“We’re tired of fighting Putin with rubbish kit”. This recent headline in The Times was an eloquent expression of the feelings of a Ukrainian tank sergeant, part of the 24th Mechanised Brigade fighting in Bakhmut in the country’s east. “Spider” Bogdan, whose Soviet-era T-62 had ground to a halt, dreams of a more modern tank: “”Would we like to have a Challenger instead? What do you think? It would be a gift from the heavens.”
Bogdan’s T-62 had apparently seen action in Afghanistan 40 years ago and – like so much of the military hardware that Ukraine has depended on in fighting against the Russians in the Donbas since 2014 – is falling apart.
But the sergeant’s dream may be about to be realised if he is among one of the lucky crews to get their hands on one of the Challenger 2 tanks that the UK has promised to send as a matter of priority. The UK’s military aid package is part of a massive push by Nato countries to get more modern and sophisticated weapons to Kyiv that is also likely to include German Leopard 2 and the US Abrams as well as modern US infantry fighting vehicles (IFVs), crucial in what is known as “combined arms warfare”, where infantry and armour combine to form effective and fast-moving fighting units.
Frank Ledwidge, an expert in military strategy at the University of Portsmouth and a former military intelligence officer with experience in the region, walks us through the new military hardware that has been promised by Kyiv’s western allies and explains how they could give Ukraine an edge on the battlefield.
Ledwidge believes that, together with the training being provided by Nato countries, Ukraine’s armed forces are gradually pulling closer to Nato’s – whether or not Kyiv’s bid to join the alliance is successful any time soon.
Ukraine war: supply of advanced tanks will give Kyiv an edge over Russia and move it closer to Nato
Supplying Kyiv with the weapons it needs to prevail in this war is high on the agenda at the World Economic Forum in Davos this week. Boris Johnson, appearing at a breakfast panel to open day three of the forum and flourishing some of his trademark rhetoric to ensure himself a headline, injected himself into Canadian deputy prime minister Chrystia Freeland’s ice hockey metaphor to quip that Russia should “get the puck out of Ukraine”.

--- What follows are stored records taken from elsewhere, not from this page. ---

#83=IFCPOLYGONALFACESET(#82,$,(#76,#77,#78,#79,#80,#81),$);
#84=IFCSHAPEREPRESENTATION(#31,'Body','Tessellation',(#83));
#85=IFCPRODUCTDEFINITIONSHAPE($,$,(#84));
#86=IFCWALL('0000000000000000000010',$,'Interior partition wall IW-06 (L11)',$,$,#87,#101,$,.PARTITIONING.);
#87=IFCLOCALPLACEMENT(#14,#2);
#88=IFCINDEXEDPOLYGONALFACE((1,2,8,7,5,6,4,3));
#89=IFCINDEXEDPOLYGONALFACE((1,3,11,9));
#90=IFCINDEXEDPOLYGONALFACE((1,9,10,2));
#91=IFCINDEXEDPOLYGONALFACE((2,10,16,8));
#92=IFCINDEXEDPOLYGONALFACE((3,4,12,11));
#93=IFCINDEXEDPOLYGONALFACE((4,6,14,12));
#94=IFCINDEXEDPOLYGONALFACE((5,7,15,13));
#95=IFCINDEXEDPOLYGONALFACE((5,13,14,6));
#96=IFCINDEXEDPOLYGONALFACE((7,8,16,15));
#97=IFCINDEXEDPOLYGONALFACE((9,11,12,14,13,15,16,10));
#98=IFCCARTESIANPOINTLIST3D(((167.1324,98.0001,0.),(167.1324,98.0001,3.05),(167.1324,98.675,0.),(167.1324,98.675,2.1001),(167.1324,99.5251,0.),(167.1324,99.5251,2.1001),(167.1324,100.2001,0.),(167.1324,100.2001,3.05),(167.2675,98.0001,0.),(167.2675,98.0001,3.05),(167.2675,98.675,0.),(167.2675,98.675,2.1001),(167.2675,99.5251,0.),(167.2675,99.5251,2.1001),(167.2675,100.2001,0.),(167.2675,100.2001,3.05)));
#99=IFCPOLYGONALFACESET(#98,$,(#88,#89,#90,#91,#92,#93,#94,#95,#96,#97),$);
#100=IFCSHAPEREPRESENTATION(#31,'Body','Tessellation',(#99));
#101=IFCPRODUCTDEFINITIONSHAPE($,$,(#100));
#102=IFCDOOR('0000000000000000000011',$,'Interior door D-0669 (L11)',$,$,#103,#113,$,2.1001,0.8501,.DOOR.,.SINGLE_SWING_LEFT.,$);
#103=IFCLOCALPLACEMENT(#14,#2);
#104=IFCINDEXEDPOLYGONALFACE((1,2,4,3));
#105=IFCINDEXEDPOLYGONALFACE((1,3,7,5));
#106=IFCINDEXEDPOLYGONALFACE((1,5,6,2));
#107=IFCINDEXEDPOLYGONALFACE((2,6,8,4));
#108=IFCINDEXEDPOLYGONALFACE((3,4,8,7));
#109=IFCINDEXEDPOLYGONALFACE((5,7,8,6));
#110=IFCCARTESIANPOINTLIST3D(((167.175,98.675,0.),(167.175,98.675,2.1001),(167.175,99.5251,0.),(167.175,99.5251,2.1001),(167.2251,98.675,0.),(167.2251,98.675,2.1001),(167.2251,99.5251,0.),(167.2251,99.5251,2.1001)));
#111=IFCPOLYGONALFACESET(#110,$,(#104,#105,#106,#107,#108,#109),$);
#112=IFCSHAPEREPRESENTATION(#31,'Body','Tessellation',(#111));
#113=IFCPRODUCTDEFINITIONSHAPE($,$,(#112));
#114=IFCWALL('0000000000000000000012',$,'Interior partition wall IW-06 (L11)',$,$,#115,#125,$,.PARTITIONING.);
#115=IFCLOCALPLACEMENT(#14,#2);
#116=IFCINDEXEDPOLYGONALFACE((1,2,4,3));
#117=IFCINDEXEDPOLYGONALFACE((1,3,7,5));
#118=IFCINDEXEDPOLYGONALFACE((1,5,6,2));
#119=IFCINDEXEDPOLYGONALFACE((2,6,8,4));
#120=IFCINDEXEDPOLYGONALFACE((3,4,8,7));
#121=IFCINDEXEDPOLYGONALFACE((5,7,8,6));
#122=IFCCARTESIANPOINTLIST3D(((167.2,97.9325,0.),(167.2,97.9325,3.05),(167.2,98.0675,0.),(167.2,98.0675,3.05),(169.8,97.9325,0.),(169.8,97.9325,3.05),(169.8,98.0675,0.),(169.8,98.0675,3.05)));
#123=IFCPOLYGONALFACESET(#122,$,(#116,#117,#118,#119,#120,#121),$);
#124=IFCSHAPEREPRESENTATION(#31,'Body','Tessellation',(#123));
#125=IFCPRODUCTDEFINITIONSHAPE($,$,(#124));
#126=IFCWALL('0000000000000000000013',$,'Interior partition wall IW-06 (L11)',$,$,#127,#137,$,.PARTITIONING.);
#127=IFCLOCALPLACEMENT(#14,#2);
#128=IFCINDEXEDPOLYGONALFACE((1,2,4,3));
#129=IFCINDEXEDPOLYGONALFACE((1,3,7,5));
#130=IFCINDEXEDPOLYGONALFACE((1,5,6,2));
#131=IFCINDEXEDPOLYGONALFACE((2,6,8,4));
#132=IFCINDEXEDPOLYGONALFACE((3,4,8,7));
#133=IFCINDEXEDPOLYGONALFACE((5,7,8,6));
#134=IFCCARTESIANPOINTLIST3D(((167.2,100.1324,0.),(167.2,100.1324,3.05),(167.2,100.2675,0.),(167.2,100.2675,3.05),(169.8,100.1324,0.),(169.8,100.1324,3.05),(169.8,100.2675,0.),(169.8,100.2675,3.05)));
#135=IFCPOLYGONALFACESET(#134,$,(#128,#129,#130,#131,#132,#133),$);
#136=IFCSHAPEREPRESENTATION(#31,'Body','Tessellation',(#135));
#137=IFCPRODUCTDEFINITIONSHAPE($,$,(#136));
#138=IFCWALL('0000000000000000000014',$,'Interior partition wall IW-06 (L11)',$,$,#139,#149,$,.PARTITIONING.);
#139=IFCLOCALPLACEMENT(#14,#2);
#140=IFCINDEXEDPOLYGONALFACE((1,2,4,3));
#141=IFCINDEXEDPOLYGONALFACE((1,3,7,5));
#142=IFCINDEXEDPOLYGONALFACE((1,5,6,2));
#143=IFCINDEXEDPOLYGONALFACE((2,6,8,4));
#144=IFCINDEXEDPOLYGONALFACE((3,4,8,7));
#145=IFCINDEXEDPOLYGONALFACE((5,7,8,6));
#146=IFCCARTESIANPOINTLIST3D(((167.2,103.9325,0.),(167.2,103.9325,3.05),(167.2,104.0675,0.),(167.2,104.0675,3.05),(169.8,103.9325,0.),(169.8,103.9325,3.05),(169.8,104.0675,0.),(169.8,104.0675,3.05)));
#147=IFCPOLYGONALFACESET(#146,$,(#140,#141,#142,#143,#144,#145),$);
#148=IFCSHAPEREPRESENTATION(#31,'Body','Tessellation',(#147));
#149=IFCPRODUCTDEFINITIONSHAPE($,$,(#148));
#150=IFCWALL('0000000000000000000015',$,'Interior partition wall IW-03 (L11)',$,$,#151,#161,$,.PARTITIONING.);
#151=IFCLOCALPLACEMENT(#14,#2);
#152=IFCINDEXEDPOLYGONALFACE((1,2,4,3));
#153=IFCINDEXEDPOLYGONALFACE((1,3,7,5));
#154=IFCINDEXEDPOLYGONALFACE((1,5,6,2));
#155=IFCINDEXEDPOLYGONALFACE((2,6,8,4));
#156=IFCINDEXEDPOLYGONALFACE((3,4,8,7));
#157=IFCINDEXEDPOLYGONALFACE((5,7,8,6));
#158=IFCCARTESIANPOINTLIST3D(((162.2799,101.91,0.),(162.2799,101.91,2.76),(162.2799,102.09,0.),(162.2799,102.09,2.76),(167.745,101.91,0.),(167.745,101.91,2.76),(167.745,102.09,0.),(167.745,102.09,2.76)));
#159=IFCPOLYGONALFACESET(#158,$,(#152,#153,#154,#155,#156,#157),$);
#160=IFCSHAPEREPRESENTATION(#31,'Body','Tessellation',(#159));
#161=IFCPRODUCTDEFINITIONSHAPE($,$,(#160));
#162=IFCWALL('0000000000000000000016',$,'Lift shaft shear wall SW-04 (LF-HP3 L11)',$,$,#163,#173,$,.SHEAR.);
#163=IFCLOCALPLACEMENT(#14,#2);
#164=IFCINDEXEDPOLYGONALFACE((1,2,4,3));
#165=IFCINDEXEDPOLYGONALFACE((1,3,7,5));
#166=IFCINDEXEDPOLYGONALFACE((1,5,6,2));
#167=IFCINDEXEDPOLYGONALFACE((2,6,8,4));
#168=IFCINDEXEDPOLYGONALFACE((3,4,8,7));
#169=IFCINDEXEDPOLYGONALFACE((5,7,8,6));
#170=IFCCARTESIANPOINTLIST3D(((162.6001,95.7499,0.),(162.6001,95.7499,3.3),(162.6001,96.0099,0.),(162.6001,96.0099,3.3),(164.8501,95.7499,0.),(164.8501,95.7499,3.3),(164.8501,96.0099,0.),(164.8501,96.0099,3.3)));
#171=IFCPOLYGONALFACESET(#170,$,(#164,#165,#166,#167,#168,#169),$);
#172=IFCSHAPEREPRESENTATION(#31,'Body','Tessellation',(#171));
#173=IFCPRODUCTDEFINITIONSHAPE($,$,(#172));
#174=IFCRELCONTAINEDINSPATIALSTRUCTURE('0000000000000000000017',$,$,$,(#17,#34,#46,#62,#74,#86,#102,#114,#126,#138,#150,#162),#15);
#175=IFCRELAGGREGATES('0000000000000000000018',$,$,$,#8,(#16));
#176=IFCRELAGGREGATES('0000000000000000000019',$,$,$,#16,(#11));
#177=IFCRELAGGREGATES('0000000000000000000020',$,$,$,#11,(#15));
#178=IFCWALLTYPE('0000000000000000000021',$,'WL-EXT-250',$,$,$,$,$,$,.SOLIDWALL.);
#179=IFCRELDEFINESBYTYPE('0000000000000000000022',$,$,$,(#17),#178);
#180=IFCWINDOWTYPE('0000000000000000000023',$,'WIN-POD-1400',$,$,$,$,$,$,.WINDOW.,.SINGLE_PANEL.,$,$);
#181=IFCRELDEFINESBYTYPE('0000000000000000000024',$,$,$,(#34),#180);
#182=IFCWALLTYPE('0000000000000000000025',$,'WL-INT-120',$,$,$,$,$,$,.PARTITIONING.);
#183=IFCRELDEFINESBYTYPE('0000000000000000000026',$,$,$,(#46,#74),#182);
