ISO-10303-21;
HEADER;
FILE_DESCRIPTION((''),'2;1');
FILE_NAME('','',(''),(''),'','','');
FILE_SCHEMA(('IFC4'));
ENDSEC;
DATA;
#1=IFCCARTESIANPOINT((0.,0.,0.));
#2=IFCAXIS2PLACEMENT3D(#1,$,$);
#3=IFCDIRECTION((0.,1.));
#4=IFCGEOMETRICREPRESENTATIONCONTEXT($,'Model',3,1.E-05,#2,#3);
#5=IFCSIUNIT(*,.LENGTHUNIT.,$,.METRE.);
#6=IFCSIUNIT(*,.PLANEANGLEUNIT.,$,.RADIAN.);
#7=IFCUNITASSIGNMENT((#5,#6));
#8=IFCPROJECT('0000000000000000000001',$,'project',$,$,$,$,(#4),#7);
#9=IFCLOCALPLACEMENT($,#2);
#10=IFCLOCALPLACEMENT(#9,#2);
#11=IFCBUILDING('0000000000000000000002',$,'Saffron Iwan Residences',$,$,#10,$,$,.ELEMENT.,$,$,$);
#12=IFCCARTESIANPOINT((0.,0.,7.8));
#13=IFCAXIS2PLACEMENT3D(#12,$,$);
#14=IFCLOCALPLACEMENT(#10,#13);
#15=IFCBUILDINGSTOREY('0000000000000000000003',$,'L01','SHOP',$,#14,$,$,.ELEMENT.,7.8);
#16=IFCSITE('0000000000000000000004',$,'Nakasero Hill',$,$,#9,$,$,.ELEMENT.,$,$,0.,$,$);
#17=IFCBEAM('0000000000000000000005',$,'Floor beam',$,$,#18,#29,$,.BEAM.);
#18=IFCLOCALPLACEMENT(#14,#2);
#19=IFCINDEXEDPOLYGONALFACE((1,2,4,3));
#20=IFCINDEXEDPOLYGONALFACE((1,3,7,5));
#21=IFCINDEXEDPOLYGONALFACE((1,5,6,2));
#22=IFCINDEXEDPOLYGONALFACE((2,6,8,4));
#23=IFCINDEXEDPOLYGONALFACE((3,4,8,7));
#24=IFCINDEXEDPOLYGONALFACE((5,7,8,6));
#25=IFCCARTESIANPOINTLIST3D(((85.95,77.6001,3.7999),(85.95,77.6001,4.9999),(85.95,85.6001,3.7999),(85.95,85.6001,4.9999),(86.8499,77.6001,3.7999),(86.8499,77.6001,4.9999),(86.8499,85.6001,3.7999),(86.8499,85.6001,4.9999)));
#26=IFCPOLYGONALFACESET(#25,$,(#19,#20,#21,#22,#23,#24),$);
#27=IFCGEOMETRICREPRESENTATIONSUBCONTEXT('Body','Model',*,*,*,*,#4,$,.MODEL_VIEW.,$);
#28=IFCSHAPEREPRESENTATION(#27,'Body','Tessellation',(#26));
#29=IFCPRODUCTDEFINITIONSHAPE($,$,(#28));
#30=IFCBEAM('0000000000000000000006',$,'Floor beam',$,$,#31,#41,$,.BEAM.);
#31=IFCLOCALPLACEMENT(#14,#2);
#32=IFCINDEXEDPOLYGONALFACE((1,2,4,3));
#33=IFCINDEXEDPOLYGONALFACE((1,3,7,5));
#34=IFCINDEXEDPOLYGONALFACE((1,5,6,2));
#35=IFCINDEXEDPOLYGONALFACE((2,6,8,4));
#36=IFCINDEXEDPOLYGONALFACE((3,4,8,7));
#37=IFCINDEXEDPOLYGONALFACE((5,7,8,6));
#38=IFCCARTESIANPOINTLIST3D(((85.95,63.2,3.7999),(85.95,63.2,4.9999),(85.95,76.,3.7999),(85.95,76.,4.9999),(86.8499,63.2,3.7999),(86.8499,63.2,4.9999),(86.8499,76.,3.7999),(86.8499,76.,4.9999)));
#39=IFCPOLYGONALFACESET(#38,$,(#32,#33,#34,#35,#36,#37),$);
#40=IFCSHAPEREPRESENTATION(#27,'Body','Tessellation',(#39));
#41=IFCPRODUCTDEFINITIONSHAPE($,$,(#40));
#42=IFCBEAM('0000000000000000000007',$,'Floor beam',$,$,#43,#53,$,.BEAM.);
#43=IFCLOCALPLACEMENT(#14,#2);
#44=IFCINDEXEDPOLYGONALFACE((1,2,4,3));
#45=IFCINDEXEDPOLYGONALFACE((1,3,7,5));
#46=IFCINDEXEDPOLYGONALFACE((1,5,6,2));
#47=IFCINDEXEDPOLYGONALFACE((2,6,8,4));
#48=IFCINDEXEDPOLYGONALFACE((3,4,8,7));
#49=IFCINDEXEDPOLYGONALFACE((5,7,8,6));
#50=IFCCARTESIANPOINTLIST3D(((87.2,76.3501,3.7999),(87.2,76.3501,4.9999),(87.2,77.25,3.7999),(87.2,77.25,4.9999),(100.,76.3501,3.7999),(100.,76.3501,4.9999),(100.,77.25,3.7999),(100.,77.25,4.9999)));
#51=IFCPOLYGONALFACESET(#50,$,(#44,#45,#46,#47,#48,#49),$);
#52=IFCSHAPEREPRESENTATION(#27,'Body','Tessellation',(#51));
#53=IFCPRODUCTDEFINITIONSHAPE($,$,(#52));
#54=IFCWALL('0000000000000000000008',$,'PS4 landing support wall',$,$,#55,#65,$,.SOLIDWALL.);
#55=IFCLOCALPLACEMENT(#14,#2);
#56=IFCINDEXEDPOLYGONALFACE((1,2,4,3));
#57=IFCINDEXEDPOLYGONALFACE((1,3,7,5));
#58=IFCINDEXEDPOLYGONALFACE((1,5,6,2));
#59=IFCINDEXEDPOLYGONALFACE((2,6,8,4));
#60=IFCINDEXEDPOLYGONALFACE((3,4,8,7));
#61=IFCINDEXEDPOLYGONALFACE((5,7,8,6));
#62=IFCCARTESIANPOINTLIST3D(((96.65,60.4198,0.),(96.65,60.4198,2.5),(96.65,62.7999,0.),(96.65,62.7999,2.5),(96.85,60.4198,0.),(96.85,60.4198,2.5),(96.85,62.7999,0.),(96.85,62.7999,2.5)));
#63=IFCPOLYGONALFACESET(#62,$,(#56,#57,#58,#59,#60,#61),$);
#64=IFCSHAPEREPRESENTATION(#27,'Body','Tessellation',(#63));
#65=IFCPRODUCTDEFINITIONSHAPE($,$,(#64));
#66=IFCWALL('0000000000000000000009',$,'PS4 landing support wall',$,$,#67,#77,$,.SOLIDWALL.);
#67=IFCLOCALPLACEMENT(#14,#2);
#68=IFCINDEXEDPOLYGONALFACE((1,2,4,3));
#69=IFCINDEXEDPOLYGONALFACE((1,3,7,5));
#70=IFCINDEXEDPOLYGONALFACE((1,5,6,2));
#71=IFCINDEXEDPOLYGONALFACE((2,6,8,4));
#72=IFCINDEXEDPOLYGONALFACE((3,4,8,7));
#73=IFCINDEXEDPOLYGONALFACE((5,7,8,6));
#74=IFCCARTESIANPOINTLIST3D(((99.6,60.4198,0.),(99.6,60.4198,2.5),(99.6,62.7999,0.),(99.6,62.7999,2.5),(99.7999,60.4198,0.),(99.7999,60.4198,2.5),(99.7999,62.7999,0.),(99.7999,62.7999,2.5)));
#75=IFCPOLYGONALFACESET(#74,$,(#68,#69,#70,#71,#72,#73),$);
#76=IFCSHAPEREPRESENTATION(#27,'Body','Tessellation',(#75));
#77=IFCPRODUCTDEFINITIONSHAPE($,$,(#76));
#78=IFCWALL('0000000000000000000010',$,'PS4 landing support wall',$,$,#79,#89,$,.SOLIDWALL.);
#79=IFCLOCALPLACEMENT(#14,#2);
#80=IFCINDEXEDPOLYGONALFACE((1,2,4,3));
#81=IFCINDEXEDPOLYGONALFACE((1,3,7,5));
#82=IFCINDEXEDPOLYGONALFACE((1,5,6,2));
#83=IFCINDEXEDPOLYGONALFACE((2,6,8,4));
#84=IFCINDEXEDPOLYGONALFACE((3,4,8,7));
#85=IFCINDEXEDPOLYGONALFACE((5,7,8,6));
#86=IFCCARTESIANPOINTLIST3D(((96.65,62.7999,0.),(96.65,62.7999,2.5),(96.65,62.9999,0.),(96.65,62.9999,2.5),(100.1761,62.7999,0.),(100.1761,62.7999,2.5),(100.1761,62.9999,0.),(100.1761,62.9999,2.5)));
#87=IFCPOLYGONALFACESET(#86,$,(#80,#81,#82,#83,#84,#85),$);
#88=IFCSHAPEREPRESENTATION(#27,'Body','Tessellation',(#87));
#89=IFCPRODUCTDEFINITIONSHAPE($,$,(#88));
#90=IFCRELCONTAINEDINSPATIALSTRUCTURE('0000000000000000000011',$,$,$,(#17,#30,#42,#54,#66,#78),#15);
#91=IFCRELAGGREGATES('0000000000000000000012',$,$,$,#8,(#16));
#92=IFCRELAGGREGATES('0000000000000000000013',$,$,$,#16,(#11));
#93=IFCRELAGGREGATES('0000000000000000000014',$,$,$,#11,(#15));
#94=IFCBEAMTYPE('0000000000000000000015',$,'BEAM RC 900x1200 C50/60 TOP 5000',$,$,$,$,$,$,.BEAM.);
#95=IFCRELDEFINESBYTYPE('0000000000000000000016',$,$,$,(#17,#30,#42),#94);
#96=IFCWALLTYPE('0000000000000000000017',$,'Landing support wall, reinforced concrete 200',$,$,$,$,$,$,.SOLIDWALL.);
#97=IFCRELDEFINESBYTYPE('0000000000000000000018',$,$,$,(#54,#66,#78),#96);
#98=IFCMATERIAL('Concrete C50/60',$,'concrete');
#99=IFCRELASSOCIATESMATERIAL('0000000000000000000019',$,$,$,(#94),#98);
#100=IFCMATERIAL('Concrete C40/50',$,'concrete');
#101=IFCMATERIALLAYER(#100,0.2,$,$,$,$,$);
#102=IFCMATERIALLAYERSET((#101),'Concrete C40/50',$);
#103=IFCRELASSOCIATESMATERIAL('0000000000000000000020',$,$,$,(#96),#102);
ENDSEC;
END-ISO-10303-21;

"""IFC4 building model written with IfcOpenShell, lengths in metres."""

from ifc_helpers import new_model, si_unit, direction, frame, frame_2d, origin, origin_2d, place, context, subcontext, project, spatial, rectangle, extrude, source, transform, mapped, material, layer, layer_set, material_profile, profile_set, type_object, element, save


model = new_model("IFC4")

# Units and contexts
model_context = context("Model", 3, precision=1e-05, world=origin(), true_north=direction((0.0, 1.0)))
body_context = subcontext(model_context, "Body", "Model", "MODEL_VIEW")
ifc_project = project(units=[si_unit("LENGTHUNIT", "METRE"), si_unit("PLANEANGLEUNIT", "RADIAN")], contexts=[model_context])

# Site, building, storey
site_placement = place(None, origin())
site = spatial("IfcSite", under=ifc_project, at=site_placement, Name="Nakasero Hill", CompositionType="ELEMENT", RefElevation=0.0)
building_placement = place(site_placement, origin())
building = spatial("IfcBuilding", under=site, at=building_placement, Name="Saffron Iwan Residences", CompositionType="ELEMENT")
storey_placement = place(building_placement, frame((0.0, 0.0, 7.8)))
storey = spatial("IfcBuildingStorey", under=building, at=storey_placement, Name="L01", Description="SHOP", CompositionType="ELEMENT", Elevation=7.8)

# Shared definitions
ifc_material_1 = material(Name="Concrete C50/60", Category="concrete")

# Beams
ifc_material_profile_1 = material_profile(ifc_material_1, rectangle(XDim=0.8999, YDim=1.2, at=origin_2d()), Name="RC 900x1200")
ifc_profile_set_1 = profile_set([ifc_material_profile_1], Name="Concrete C50/60")
beam_type_1 = type_object("IfcBeamType", Name="BEAM RC 900x1200 C50/60 TOP 5000", PredefinedType="BEAM", material=ifc_profile_set_1)
shared_shape_1 = source(origin(), body_context, "Body", "SweptSolid", [
    extrude(rectangle(XDim=0.8999, YDim=1.2, at=origin_2d()), origin(), (0.0, 0.0, 1.0), 8.0),
])
beam_placement = place(storey_placement, frame((86.3999, 77.6001, 4.3999), z_axis=(0.0, 1.0, 0.0), x_axis=(-1.0, 0.0, 0.0)))
element("IfcBeam", 1, at=beam_placement, inside=storey, type_object=beam_type_1, Name="Floor beam", PredefinedType="BEAM", context=body_context, shape_type="MappedRepresentation", body=[
    mapped(shared_shape_1, transform((0.0, 0.0, 0.0))),
])
shared_shape_2 = source(origin(), body_context, "Body", "SweptSolid", [
    extrude(rectangle(XDim=0.8999, YDim=1.2, at=origin_2d()), origin(), (0.0, 0.0, 1.0), 12.8),
])
for number, where, z_axis, x_axis, name in (
    (2, (86.3999, 63.2, 4.3999), (0.0, 1.0, 0.0), (-1.0, 0.0, 0.0), "Floor beam"),
    (3, (87.2, 76.8, 4.3999), (1.0, 0.0, 0.0), (0.0, 1.0, 0.0), "Floor beam"),
):
    element("IfcBeam", number, at=place(storey_placement, frame(where, z_axis=z_axis, x_axis=x_axis)), inside=storey, type_object=beam_type_1, Name=name, PredefinedType="BEAM", context=body_context, shape_type="MappedRepresentation", body=[
        mapped(shared_shape_2, transform((0.0, 0.0, 0.0))),
    ])

# Walls
ifc_material_2 = material(Name="Concrete C40/50", Category="concrete")
ifc_layer_1 = layer(ifc_material_2, 0.2)
ifc_layer_set_1 = layer_set([ifc_layer_1], Name="Concrete C40/50")
wall_type_1 = type_object("IfcWallType", Name="Landing support wall, reinforced concrete 200", PredefinedType="SOLIDWALL", material=ifc_layer_set_1)
for number, where, z_axis, x_axis, name in (
    (4, (96.75, 60.4199, 0.0), (0.0, 0.0, 1.0), (0.0, 1.0, 0.0), "PS4 landing support wall"),
    (5, (99.7, 60.4199, 0.0), (0.0, 0.0, 1.0), (0.0, 1.0, 0.0), "PS4 landing support wall"),
):
    element("IfcWall", number, at=place(storey_placement, frame(where, z_axis=z_axis, x_axis=x_axis)), inside=storey, type_object=wall_type_1, Name=name, PredefinedType="SOLIDWALL", context=body_context, shape_type="SweptSolid", body=[
        extrude(rectangle(XDim=2.3801, YDim=0.2, at=frame_2d((1.1899, 0.0))), origin(), (0.0, 0.0, 1.0), 2.5),
    ])
wall_1_placement = place(storey_placement, frame((96.6499, 62.8999, 0.0), z_axis=(0.0, 0.0, 1.0), x_axis=(1.0, 0.0, 0.0)))
element("IfcWall", 6, at=wall_1_placement, inside=storey, type_object=wall_type_1, Name="PS4 landing support wall", PredefinedType="SOLIDWALL", context=body_context, shape_type="SweptSolid", body=[
    extrude(rectangle(XDim=3.5261, YDim=0.2, at=frame_2d((1.7632, 0.0))), origin(), (0.0, 0.0, 1.0), 2.5),
])

save(model, "model.ifc")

Johnson also insisted that Putin would not resort to nuclear weapons, comparing Russia’s president to “the fat boy in Dickens who wants to make our flesh creep”, which had reporters reaching for their copy of The Pickwick Papers.
Meanwhile, the Russian leader has been unveiling some rhetoric of his own, comparing Russia’s invasion of Ukraine to the “great patriotic war” in which the Soviet Red Army destroyed the Nazi war machine, something that still resonates hugely in Russia today. His remarks coincided with the anniversary of the first breakthrough of the siege of Leningrad in January 1943. His foreign minister Sergey Lavrov, meanwhile, went one step further by asserting (and you’ll need a strong stomach to read this) that the west is “using Ukraine to wage a proxy war against Russia with the old aim of finally solving the ‘Russian question’, like Hitler, who sought a final solution to the ‘Jewish question’”.
Stefan Wolff, an expert in international security at the University of Birmingham, who has written regularly about the conflict since last February’s invasion, believes that Kremlin rhetoric is designed to keep Ukraine’s western allies off balance and perhaps to delay agreements about arms supplies to Kyiv.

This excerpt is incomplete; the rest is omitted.